As for Oak Wilt, I am unfamiliar with the disease.  If it has the same parameters of Dutch Elm Disease, then I would say you are barking up the wrong tree (pardon the pun) if you are looking at chemical/biological curatives and preventatives.  The City of Winnipeg has maintained it's population of American Elms through a program of vigilance.  This includes identification, removal, and disposal of all Elm firewood, a ban on pruning of all Elms between Apr. 1 and Aug. 31, the identification of declining and dead Elms of all species and subsequent removal, and the identification of infected Elms and subsequent removal.

You knowledge of Oak Wilt will affect your management plan, but you should be looking a proactive prevention and removal of inoculates from your neighbourhood, rather than curing infected trees.


tstex



I am also employing Mechanical means for OW as well.   This includes 7 ft trenching x 6", w/ 2 trenches 6' ft apart for a total root separation of 7ft x 7 ft.  DED, per 4 research articles has a much more proactive and devastating vector spread due to borers, which in not as prolific in our live oaks here.  However, that does not mean our live oaks do not experience borers, they do, just not as consistent as the NA Elms.  Our oaks have to be physically opened for the fungi and spores to infect the tree, via the vector, which as you stated above is limited during certain times of yrs.  Our main issue once infected, is the colonization via the root systems.
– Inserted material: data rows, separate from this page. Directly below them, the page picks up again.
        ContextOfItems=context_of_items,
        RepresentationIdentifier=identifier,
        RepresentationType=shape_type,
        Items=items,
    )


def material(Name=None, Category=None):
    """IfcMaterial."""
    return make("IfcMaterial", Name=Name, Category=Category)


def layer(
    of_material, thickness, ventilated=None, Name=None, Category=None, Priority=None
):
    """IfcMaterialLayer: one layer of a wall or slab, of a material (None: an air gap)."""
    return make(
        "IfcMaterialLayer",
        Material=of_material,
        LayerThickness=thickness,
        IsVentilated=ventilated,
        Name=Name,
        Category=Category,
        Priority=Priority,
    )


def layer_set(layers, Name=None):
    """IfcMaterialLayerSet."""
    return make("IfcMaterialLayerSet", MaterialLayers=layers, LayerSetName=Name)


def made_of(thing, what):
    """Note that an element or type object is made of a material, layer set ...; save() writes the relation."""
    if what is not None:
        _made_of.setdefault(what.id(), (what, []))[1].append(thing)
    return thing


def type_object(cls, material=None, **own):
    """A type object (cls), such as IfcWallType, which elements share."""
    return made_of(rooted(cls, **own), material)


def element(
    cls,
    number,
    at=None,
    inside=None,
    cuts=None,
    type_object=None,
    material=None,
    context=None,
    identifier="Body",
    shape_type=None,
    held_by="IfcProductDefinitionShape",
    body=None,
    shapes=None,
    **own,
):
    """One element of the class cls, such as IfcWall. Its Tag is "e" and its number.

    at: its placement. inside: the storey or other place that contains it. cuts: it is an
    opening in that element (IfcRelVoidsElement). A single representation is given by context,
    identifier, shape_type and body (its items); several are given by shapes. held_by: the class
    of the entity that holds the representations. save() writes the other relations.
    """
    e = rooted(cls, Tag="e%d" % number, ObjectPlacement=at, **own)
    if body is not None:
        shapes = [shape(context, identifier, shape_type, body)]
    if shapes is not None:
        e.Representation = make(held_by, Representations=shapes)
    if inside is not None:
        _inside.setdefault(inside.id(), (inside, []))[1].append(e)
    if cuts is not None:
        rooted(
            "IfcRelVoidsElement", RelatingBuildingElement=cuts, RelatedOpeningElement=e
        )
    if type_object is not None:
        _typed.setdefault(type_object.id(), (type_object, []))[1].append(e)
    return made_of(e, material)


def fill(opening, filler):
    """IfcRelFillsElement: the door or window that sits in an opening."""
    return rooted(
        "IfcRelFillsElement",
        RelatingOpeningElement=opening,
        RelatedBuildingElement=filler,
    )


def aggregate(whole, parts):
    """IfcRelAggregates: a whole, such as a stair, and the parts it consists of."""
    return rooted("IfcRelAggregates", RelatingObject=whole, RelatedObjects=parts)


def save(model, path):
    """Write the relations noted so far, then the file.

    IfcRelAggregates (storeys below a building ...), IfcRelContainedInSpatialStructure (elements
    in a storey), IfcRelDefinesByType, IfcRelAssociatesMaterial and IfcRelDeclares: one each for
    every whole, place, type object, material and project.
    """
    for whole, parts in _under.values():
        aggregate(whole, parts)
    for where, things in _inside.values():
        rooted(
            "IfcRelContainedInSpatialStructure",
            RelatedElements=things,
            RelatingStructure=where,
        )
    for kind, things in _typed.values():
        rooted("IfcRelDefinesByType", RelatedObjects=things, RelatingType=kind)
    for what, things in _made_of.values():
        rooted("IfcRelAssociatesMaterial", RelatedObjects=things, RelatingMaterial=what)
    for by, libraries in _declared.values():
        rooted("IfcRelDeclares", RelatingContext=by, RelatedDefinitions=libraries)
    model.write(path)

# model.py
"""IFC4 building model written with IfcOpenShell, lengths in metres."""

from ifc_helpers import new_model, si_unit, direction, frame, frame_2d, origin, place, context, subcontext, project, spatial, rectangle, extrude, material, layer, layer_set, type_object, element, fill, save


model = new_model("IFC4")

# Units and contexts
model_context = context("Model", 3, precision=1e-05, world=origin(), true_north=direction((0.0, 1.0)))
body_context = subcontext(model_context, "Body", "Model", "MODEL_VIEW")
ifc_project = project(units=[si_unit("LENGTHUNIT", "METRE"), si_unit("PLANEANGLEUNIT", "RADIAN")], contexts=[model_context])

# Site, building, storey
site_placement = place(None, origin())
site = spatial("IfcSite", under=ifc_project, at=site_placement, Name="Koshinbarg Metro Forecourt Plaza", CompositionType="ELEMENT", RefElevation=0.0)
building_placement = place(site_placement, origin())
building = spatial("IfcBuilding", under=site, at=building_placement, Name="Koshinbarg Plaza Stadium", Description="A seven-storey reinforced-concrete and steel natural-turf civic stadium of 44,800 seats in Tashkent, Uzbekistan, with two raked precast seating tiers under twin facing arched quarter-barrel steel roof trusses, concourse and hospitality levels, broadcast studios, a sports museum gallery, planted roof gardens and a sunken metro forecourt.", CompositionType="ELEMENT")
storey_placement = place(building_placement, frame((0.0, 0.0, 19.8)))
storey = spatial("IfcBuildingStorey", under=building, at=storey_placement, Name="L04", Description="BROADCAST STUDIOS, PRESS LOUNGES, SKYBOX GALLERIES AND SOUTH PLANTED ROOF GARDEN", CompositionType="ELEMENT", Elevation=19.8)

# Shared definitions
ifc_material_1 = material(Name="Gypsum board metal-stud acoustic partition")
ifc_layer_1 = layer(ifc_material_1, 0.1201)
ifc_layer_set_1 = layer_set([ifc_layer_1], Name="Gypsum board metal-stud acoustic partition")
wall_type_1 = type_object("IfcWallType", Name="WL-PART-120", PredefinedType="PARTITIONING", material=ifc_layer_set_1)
Cutting down and removing live oaks, [which do not promote vector spreading via the proliferation of the fungal mats. which is strickly characterics of the red-oaks] that is, the ones that are infected, iit s better to let them die out.  This allows for the roots to die-out faster too, thus taking any residual life out of the fungus in the root systems.

As far as "a cure", I am not aware of one, for O-wilt.  The only evidence to date suggests that once a tree is infected, these are the only options:  1) it dies if left untreated, 2) it dies if treated, 3) it continues to live if the treatments are effective 4) after X yrs of consistent treatment, the tree out lasts the pathogen and the pathogen dies-out.  The final state of the tree in this case has many ranges...Again, all of the above scenarios are based on how soon the infected tree is treated once the tree is diagnosed.  Obviously, the sooner the better.  However, even though the canopy loss might not be visually significant, the trees vascular system might be too far gone anyway.  This is the exception, just as it is to treat a tree that is too far gone and it makes a come back.

If anyone has any doubts on the efficacy of treating OW in SE/SC Texas, I would be happy to connect you with people that have treated their trees and let them give you their results, as well as Forestry Agents/Aborists that have worked in the field for 25 yrs here in TX and let you speak with them, or the head of TX A&M University's Tree Sciences Dept for the study of Tree Diseases and Pathologies, which he has been studying OW since 1988.  Nothing is for sure in this fight, other than this is very timing consuming and expensive and you must be selective, proactive and willing to be in for the long haul.  My goal is to determine any other viable options that make the fight more cost-effective, which doesn't have an impact on changing the odds or the disease itself. but might increase your treatment range by reducing costs and reducing the time it takes to treat.  In any given treatment plan, a complete analysis must be done to determine if chemical treatment is viable and how long you are willing to engage.